Tatiana Roque: Sim, a ciência contemporânea ainda é racista e machista e acho que isso não é só uma questão de representatividade, mas isso causa também um viés epistemológico: é importante que a gente enxergue o quanto a própria produção do conhecimento é impactada por esse privilégio branco, eurocêntrico, na criação científica propriamente dita.
Ao propor um mergulho nos últimos 400 anos de história da ciência, como a senhora vê a atual onda negacionista, escancarada em tempos de covid-19?
Ao abordar os avanços científico junto com o contexto social, preocupo-me justamente em não entendermos o negacionismo como uma questão cognitiva, relacionada à ignorância das pessoas. Esta é uma questão que tem a ver com o contexto social e político. Justamente por isso a gente vê que no Brasil alguns negacionismos pegam mais e outros que pegam menos.
Enquanto o mundo todo é antivacina, o Brasil tem uma postura bastante favorável às vacinas. Já no caso do tal tratamento precoce, um tratamento sem eficácia comprovada [contra a covid-19], foi bastante negacionista a postura de boa parte da população brasileira. Por isso é preciso que a gente realmente entenda a questão a partir do contexto social e político.

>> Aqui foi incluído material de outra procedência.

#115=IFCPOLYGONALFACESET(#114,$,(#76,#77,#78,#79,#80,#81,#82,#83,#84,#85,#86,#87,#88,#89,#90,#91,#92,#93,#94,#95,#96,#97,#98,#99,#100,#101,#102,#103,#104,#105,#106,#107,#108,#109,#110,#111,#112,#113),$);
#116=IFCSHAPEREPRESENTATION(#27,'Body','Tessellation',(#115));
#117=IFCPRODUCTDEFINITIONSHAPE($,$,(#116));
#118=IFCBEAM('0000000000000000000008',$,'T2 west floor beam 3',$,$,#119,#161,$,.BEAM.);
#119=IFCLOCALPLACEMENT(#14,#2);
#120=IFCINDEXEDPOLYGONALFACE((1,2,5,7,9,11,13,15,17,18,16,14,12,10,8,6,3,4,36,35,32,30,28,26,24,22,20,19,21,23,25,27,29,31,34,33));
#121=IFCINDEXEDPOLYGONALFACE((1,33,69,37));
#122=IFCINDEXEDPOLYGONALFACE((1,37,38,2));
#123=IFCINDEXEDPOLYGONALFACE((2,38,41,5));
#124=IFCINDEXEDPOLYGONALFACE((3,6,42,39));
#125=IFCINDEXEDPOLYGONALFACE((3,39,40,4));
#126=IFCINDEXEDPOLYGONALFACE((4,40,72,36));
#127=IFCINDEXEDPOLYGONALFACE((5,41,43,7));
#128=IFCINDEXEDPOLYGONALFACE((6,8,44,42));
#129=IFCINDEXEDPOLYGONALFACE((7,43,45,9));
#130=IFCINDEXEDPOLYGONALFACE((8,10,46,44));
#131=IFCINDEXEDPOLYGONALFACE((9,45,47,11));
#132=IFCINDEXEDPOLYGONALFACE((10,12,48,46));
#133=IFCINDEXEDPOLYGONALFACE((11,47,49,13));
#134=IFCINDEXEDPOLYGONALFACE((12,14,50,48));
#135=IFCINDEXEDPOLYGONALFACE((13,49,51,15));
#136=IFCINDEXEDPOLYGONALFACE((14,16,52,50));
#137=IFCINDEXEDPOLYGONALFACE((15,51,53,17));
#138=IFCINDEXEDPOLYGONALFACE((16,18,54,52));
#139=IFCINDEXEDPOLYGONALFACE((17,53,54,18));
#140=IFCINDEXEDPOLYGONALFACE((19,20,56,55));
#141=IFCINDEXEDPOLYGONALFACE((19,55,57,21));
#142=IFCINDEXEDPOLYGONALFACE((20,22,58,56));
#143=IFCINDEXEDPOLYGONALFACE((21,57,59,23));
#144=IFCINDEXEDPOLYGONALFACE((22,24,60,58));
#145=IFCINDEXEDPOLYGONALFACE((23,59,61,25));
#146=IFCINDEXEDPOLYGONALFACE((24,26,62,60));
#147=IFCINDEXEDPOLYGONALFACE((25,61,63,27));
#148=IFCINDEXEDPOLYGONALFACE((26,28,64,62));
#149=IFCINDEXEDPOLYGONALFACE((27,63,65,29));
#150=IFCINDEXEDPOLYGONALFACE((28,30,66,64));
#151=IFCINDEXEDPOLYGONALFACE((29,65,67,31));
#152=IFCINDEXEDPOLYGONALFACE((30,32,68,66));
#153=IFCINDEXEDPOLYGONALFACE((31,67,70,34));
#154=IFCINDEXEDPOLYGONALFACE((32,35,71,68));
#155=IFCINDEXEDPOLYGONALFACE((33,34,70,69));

Neste sentido, qual o papel dos líderes políticos?
O problema é político. E no Brasil isso ficou muito claro. [O presidente Jair] Bolsonaro e seus apoiadores difundiram o tratamento precoce porque isso era a maneira de contrariar tanto o uso de máscaras quanto o distanciamento social, medidas ideologicamente incompatíveis com esse governo por dois motivos.

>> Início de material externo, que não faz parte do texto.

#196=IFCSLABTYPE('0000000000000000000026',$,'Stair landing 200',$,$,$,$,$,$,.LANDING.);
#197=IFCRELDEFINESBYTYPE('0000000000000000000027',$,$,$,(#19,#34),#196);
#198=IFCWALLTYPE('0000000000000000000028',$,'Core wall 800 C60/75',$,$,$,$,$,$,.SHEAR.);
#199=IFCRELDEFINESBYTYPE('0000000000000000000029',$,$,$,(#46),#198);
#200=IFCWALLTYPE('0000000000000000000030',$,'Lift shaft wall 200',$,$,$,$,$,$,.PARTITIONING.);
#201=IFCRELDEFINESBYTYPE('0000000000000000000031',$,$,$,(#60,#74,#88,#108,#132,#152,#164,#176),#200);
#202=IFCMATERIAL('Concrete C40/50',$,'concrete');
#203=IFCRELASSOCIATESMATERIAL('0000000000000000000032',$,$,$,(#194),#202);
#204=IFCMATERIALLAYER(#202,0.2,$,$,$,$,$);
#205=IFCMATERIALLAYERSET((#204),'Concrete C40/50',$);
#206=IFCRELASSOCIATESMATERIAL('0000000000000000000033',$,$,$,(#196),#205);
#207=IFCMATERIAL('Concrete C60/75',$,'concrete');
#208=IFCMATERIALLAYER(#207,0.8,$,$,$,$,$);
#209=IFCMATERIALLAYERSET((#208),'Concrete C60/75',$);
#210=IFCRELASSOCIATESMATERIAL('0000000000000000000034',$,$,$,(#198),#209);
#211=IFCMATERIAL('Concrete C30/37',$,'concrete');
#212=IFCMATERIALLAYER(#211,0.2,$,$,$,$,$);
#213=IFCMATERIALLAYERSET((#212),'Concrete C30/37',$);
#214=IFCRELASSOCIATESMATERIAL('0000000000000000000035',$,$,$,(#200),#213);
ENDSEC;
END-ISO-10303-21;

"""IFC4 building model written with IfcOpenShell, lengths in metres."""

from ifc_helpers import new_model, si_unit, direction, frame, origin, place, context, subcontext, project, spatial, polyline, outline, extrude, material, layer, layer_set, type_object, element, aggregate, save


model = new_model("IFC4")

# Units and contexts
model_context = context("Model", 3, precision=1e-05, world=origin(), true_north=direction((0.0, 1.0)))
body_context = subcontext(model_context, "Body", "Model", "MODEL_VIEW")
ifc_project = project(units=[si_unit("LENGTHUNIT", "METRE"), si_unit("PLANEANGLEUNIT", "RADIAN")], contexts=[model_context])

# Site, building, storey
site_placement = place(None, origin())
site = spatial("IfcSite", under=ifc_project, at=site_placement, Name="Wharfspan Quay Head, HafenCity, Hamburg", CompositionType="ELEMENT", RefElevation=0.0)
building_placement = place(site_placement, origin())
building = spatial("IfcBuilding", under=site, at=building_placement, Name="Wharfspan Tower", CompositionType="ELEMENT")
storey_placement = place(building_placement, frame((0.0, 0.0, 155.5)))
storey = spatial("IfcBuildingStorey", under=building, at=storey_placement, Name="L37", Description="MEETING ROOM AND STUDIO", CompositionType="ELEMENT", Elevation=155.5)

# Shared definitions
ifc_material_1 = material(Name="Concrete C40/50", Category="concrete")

Primeiro porque demandam uma certa regulação do Estado, e a ideologia ultraliberal deste governo é contra isso; segundo porque de acordo com a visão econômica deste governo tais medidas contrariavam a possibilidade de a economia continuar funcionando. Isso fez com que o tratamento precoce, uma medida completamente negacionista, fosse defendido, divulgado, propagandeado pelo governo, pelo Ministério da Saúde e por muitos apoiadores.
Por falar em negacionismo, qual o papel dele no aquecimento global?
A partir dos anos 1990, quando as [pesquisas sobre] mudanças climáticas se tornaram mais difundidas, houve uma série de reações contra tais descobertas científicas. Aí que surgiu o movimento negacionista [contemporâneo], para tentar fazer com que tais descobertas não tivessem o impacto social que deveriam ter.
As mudanças climáticas começaram a se tornar consenso e aí os movimentos negacionistas passaram a pintar esse consenso como se fosse uma polêmica, como se fosse uma controvérsia. Ou seja: semeando a dúvida sobre algo que era um consenso científico. Isso mostra muito bem como a relação entre ciência e política é determinante. Fica evidente.
Quando correlaciona o avanço da ciência aos contextos socioculturais, a senhora diz que nem sempre isso é sinônimo de progresso. É uma visão pessimista?
Eu sou otimista quanto ao avanço da ciência. O que não sou otimista é sobre o fato de esse avanço necessariamente estar nos levando para um mundo melhor, sempre. Existem avanços que podem nos levar para um mundo melhor, outros que não necessariamente. É provável que se vá a Marte no futuro, porque governos de alguns países estão investindo pesadamente nisso. Mas não sei se isso deveria ser prioridade.
[…] A gente precisa pensar em mudanças climáticas, em aquecimento global, não em colonizar outros planetas. E uma das motivações dessa volta da corrida espacial é, além do turismo espacial e eventualmente colonizar outros planetas, também extrair recursos naturais de outros planetas. […] A disponibilidade de água na Terra está ameaçada e já há alguns projetos de tentar extrair esses recursos de outros planetas, o que é uma coisa insana: a solução deveria ser fazer desde já o necessário para que tais recursos não se esgotem na Terra.